On July 1 Walker and his party reached Cedar Key, nearly four hundred miles from Pensacola. Things were far from well in the whaleboat. On top of his original illness, Walker was now felled by sunstroke, which typically produces crippling headaches, fever, distorted vision, and, if untreated, delirium. He needed shelter and rest. Neither was possible. For days on end, Walker lost track of time. He would later recall, “I remember looking at the red horizon in the West, soon after sundown, as I thought for the last time in this world, not expecting to behold that glorious luminary shedding its scorching rays on me more.” When he was lucid, he offered what direction he could, but the fugitives' freedom now depended as much on the strength of their backs at the oars as it did on
Walker's impaired navigational skill. They were desperately short of water. They made several landfalls, hoping to replenish their supply, but without any luck.

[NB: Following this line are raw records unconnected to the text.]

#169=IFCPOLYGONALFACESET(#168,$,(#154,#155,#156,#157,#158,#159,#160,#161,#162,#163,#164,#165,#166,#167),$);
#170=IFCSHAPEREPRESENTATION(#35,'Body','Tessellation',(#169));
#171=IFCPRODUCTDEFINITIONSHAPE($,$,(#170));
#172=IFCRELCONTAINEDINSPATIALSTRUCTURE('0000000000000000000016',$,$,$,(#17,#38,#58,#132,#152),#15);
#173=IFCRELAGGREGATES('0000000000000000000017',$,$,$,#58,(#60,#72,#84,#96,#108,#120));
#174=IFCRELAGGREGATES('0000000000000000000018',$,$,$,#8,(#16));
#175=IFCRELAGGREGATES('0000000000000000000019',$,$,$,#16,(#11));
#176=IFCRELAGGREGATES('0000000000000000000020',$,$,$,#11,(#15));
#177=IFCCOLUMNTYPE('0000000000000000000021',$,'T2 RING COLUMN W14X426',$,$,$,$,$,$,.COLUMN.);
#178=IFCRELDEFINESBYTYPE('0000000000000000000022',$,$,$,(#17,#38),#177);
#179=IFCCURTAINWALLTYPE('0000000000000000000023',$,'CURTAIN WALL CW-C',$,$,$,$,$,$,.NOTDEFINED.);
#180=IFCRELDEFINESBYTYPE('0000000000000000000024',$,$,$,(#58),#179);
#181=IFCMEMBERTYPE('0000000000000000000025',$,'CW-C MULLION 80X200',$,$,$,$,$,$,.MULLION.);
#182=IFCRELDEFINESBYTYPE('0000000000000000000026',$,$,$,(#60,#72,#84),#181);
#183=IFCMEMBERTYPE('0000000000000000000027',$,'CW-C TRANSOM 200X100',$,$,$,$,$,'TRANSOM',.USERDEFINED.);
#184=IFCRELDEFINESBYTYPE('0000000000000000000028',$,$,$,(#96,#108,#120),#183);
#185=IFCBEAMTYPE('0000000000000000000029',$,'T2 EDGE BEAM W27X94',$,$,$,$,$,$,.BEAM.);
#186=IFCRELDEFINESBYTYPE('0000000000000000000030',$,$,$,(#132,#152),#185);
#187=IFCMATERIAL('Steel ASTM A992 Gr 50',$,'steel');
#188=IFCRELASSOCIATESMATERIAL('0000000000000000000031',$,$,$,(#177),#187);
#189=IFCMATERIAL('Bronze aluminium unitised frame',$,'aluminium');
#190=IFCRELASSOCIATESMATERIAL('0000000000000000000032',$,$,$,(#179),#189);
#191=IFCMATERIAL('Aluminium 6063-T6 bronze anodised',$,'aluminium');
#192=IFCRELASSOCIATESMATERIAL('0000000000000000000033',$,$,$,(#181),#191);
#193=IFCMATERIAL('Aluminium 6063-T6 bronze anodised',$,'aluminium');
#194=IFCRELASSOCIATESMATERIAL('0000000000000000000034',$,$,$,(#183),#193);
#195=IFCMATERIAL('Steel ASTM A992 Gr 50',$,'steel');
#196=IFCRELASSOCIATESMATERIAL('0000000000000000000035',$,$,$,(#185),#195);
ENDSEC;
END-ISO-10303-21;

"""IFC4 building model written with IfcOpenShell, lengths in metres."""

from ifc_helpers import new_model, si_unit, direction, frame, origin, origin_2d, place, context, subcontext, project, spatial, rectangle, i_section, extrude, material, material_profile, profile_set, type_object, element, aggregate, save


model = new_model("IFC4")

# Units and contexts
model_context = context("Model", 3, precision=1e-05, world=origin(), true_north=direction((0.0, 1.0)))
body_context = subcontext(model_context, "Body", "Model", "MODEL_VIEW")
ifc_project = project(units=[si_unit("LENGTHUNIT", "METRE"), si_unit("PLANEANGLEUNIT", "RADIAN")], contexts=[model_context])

Walker's laconic account of the voyage conveys little of what the mood was like, but especially during those first rain-soaked days when their progress was so agonizingly slow, it must have been grim. For the seven fugitives, the whaleboat had become as claustrophobic as the attic of Harriet Jacobs, a strange illusion of freedom hemmed in on every side by a prison of sea and sky. With them traveled seven lifetimes of slavery, of thwarted lives, broken families, fragile hopes. Their physical discomfort was extreme. They were crusted with salt, wet most of the time, and in constant danger of dehydration. There was never enough water. There was no room to lie down. Men slept where they sat, when they could sleep at all. But there was no way to turn back now, for either the fugitives or for Walker.

Fortunately, the weather held good. In spite of Walker's infirmity, they made fairly good headway down the west coast of the peninsula, sailing when there was breeze and rowing when there was none, past long miles of some of the world's most spectacular sand beaches, gleaming white off the port side. They were now averaging something like fifty miles a day. As long as they avoided being seen, and found water, they would be safe. The odds were now on their side. Nearly everyone in the Territory lived either along its northern edge, or in Key West, at the far end of the chain of islets that curled westward into the Gulf like a monkey's tail. The rest of the peninsula was virtually empty of people, apart from the mysterious Seminoles and Miccosukees who lived unseen in the trackless interior. For days on end, mile after mile, the coastline had been a bright ribbon of white sand on the eastern horizon. Now, as the whaleboat neared the peninsula's tip, the sand disappeared, to be replaced by the deep, vast gloom of mangrove swamps.

Walker's discomfort was extreme. In addition to the effects of sunstroke, his entire face was blistered from sunburn. As he lay numbly in the rocking whaleboat, parched and half-mad from the sun, he could not help asking himself why he was here, so far from the windscoured but familiar fields of Cape Cod, among fugitive strangers, facing sure and swift punishment if he was caught. The implacable answer was always the same, and it kept him going, struggling for consciousness when nothing else could:
slavery, “the most heinous, unjust, oppressive, and God-provoking system that ever cursed the dwellers of earth.” Calmly, he concluded that what he was doing must “secure approbation of that great ‘Judge of all earth, who doeth right,' and before whose presence I soon expected to appear.”